From: Bossier Press-Tribune
January 6, 2012

Teachers attend, learn from Landmark School in Boston

Eight elementary school teachers recently visited the birthplace of the American Revolution to start their own educational revolution.

Educators from Curtis Elementary, Legacy Elementary and Meadowview Elementary attended a weeklong training session at the world-renowned Landmark School in Boston, MA.

A-Kids-Choice Foundation, established by Denise Bankston, paid for all eight educators to attend the session.

Now these teachers are reaching out to their fellow educators in hopes of spreading the knowledge and success gained from a local non-profit organization.

Although the Landmark School is dedicated specifically for children with language-based disabilities, the Bossier educators discovered that the methods and principles used there are also applicable to improving the education of all students.

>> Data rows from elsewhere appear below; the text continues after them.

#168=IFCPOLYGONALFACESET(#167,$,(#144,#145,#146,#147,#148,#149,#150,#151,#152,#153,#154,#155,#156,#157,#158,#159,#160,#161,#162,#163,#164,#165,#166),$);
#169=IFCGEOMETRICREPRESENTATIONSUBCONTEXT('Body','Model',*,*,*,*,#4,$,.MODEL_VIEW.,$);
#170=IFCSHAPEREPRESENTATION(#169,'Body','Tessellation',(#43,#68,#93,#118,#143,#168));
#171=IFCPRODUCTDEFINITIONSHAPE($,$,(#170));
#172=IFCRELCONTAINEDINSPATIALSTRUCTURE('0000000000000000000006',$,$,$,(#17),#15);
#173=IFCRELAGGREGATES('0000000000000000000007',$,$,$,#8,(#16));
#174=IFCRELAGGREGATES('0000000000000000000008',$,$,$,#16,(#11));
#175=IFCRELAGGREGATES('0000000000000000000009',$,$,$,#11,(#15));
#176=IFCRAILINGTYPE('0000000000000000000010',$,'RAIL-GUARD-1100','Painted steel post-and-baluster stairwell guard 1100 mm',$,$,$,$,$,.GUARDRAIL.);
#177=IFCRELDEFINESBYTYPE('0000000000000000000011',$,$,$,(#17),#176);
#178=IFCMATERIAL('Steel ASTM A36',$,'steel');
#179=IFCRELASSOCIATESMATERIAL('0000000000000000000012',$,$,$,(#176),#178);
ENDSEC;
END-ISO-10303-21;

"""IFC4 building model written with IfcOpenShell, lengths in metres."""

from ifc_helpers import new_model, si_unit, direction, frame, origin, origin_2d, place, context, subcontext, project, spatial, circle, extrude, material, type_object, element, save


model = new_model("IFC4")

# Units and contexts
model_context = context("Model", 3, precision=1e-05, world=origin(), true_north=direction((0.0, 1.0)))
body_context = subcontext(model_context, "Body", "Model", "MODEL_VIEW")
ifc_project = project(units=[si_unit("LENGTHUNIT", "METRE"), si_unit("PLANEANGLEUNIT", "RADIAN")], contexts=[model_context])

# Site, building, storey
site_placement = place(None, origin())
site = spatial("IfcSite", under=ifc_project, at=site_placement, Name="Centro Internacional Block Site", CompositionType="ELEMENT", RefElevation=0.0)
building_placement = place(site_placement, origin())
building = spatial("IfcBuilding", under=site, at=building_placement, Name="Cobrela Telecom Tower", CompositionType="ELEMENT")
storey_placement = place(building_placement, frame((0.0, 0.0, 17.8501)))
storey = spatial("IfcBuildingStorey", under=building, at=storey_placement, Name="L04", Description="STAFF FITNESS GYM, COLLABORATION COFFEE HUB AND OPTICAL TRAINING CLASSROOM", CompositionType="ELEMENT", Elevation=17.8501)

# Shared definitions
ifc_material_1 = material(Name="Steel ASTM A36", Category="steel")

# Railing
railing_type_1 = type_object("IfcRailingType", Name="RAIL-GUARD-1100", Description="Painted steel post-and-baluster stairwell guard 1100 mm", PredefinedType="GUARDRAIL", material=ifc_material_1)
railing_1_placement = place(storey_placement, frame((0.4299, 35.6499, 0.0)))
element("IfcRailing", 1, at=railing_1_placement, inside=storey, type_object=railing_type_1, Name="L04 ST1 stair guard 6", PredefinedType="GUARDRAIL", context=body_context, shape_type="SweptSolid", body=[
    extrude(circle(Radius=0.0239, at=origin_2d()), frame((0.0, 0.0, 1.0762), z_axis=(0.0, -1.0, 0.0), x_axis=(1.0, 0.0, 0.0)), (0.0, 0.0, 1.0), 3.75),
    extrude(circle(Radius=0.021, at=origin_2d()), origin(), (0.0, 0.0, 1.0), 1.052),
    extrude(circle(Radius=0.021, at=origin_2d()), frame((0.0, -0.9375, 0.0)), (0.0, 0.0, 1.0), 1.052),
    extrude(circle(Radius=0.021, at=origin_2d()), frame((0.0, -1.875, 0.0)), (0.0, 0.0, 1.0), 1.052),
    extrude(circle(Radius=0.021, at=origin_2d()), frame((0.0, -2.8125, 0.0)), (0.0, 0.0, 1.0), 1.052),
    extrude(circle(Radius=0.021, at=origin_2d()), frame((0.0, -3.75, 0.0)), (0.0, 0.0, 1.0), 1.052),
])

Samantha Bailey, a first grade teacher at Meadowview Elementary, said she has implemented several strategies in her classroom since visiting the Landmark School in July, including better organization in the classroom itself and more small group activities.

It’s all about learning strategies,” Bailey said.  “We focus on the students as individuals at their own level and provide them opportunities for success.”

The eight educators collaborated with other teachers Wednesday morning during the first of many teacher in-services on what they learned at the Landmark School.  Ashley Grantham, a fifth grade teacher at Meadowview Elementary, said the goal of the first group to Boston is to share as much knowledge as they can to provide all students with a better educational surrounding.

We are lighting the fire and passing the torch,” Grantham said.  “We want to be a domino effect so it will just keep growing and growing.”

“Through A-Kids-Choice Foundation, Meadowview Elementary has also received $20,000 to purchase and incorporate new interactive technology methods into their classrooms.  The school received a $10,000 check prior to the Christmas break, but Barrett was surprised with the second $10,000 check Wednesday morning, delivered by Bankston herself.

According to Barrett the money couldn’t come at a better time.  “This is tremendous, “ Barrett said.  “We have great, hard working families, but this is a hard time for everyone right now.”

Barrett said Meadowview decided not to pursue traditional fundraising methods this year simply because they just don’t generate enough profit.

“We are careful of what we as our families to provide for the students, Barrett said, “They support the students academically, but what we lack is funding for some of the technology that we really need.”

Along with the $20,000 donation from A-Kids-Choice, Meadowview also received 10 iPads and $6,000 from Bossier Parish Police Jurors Brad Cummings and Barry Butler to fund Meadowview’s “Bird’s Eye View,” a program that integrates science and social studies with reading and math at all grade levels.

Barrett said A-Kids-Choice Foundation is truly what their philosophy at Meadowview Elementary is all about.

“We are taking care of our children, one family at a time, Barrett said.